03 Thursday Sep 2015

Posted by dullwood68 in Movies

≈ Leave a comment

Tags

20th Century Fox, Action, Agents, Aleksander Bach, Assassin, Drama, Hannah Ware, Jim Gianopulos, Memo, Review, Rupert Friend, Stacey Snyder, Tattoo, Thriller, Zachary Quinto

Hitman Agent 47

D: Aleksander Bach / 96m

Cast: Rupert Friend, Hannah Ware, Zachary Quinto, Ciarán Hinds, Thomas Kretschmann, Angelababy, Dan Bakkedahl, Jürgen Prochnow

Excerpted text from a memo sent by 20th Century Fox co-chairman Stacey Snyder to CEO Jim Gianopulos:

… and now that the dust has settled, it might be time to reboot Hitman, which we made and released in 2007. I think enough time has gone by that people will have forgotten just how bad/disappointing/clumsy the original was, and how we nearly sabotaged Timothy Olyphant’s career. I would suggest we get the original writer back on board, Skip Woods, and get him to fashion a Hitman movie that combines an original story with references and elements from the video games. I know he penned the original script, and I’m further aware that it wasn’t the best received script we’ve ever produced, but I believe that even in Hollywood, everyone deserves a second chance (don’t they?).

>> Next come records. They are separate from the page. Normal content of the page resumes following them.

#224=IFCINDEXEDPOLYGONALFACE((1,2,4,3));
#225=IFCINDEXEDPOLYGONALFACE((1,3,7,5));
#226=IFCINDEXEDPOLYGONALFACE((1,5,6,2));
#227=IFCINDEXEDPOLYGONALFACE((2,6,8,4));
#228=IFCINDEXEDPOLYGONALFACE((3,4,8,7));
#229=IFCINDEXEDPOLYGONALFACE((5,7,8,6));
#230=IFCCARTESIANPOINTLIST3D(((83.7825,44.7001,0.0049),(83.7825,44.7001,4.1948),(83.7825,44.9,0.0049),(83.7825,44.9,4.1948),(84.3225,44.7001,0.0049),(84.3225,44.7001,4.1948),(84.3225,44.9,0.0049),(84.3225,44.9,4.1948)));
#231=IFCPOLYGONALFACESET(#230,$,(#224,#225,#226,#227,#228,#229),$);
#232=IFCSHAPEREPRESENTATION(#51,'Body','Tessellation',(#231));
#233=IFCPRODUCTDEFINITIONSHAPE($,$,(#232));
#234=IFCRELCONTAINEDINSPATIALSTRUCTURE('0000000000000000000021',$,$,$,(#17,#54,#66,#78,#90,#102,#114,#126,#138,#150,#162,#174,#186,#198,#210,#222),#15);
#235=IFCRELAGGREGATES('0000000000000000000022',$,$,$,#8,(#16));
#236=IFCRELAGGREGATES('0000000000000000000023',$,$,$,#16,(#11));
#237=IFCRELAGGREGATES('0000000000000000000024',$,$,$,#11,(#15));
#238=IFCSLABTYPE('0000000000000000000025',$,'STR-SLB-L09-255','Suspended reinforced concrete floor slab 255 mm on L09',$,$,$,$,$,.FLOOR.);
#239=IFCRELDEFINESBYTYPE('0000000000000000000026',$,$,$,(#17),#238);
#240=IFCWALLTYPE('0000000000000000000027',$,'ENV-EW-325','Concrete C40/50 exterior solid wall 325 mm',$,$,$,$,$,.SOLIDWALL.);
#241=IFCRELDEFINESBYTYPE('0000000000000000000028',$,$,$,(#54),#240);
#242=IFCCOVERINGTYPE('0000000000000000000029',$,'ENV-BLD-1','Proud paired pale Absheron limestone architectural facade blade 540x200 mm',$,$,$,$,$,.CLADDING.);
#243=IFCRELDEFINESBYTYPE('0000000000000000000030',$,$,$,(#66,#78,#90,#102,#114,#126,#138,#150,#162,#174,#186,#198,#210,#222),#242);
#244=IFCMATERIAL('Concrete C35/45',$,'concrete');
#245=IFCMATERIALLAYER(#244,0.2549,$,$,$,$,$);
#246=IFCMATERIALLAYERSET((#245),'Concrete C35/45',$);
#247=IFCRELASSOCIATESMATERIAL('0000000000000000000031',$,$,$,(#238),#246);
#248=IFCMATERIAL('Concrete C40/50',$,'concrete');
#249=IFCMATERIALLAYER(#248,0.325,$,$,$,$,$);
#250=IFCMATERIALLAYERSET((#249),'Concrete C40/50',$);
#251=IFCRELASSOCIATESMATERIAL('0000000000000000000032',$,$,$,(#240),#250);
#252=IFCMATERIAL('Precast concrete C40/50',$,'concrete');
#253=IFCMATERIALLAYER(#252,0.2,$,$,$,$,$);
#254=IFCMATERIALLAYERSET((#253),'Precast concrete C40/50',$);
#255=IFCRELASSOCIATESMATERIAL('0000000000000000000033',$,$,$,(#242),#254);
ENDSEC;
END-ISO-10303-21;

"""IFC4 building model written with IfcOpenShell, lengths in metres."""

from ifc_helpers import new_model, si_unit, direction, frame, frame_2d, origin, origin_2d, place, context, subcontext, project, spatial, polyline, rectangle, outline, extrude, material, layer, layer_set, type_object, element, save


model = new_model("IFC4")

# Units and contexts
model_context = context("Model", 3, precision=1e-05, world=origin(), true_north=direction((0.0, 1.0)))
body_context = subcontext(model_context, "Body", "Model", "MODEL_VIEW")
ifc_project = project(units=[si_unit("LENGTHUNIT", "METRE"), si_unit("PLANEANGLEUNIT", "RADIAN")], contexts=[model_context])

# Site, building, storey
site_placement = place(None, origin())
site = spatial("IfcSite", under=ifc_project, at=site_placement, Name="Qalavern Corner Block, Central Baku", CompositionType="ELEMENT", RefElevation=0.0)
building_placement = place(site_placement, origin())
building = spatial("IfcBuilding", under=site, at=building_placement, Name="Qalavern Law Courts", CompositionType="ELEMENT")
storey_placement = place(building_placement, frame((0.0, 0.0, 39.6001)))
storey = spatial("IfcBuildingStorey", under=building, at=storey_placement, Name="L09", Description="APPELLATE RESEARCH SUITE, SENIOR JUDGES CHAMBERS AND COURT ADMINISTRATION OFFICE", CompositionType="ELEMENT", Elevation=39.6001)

Perhaps we can entice a more well-known actor to the main role, Paul Walker for instance, or Vin Diesel (either of those Fast and Furious guys) as Olyphant has made it clear he doesn’t want to return to the role as “his house is fully paid for now”. Other casting will depend on Woods’ script and the availability of non-A list stars for the secondary roles, while it might be best to hire a British actress with little experience to fill any lead female role.

In terms of hiring a director, and in order to keep costs’ down, I would advise we give the job to someone with a background in commercials, and who hasn’t actually directed a movie before. This will allow us to bring a (hopefully) fresh approach to Woods’ script, and a visual look to the movie that will remind people of movies such as Equilibrium (2002) and the Resident Evil series. In terms of budget, and again in order to reduce costs, we should film abroad – Singapore, maybe – and keep the budget to between $30 and $40 million dollars. That way, and allowing for foreign distribution rights, DVD and Blu-ray sales, and any further revenue, the movie should be a financial success even if it is slated by the critics.

That’s all for now. Let me know how you want to proceed with these particular projects, and once things are in place, I’ll get back to you.

Hitman Agent 47 - scene

Excerpt from a memo sent by 20th Century Fox CEO Jim Gianopulos to co-chairman Stacey Snyder:

We made Hitman?!

Rating: 4/10 – professionally made tosh, Hitman: Agent 47 retains a modicum of credibility but only because it exists in a parallel world where the police don’t get involved in any gunplay, and where someone can be said to have subdural body armour – and no one blinks an eye; Friend is efficient though too remote, and Ware is blatantly awkward, leaving no one to carry the film on a human level, and allowing it to get by on badly edited action sequences that would have been even worse if they hadn’t been orchestrated by John Wick (2014) directors David Leitch and Chad Stahelski.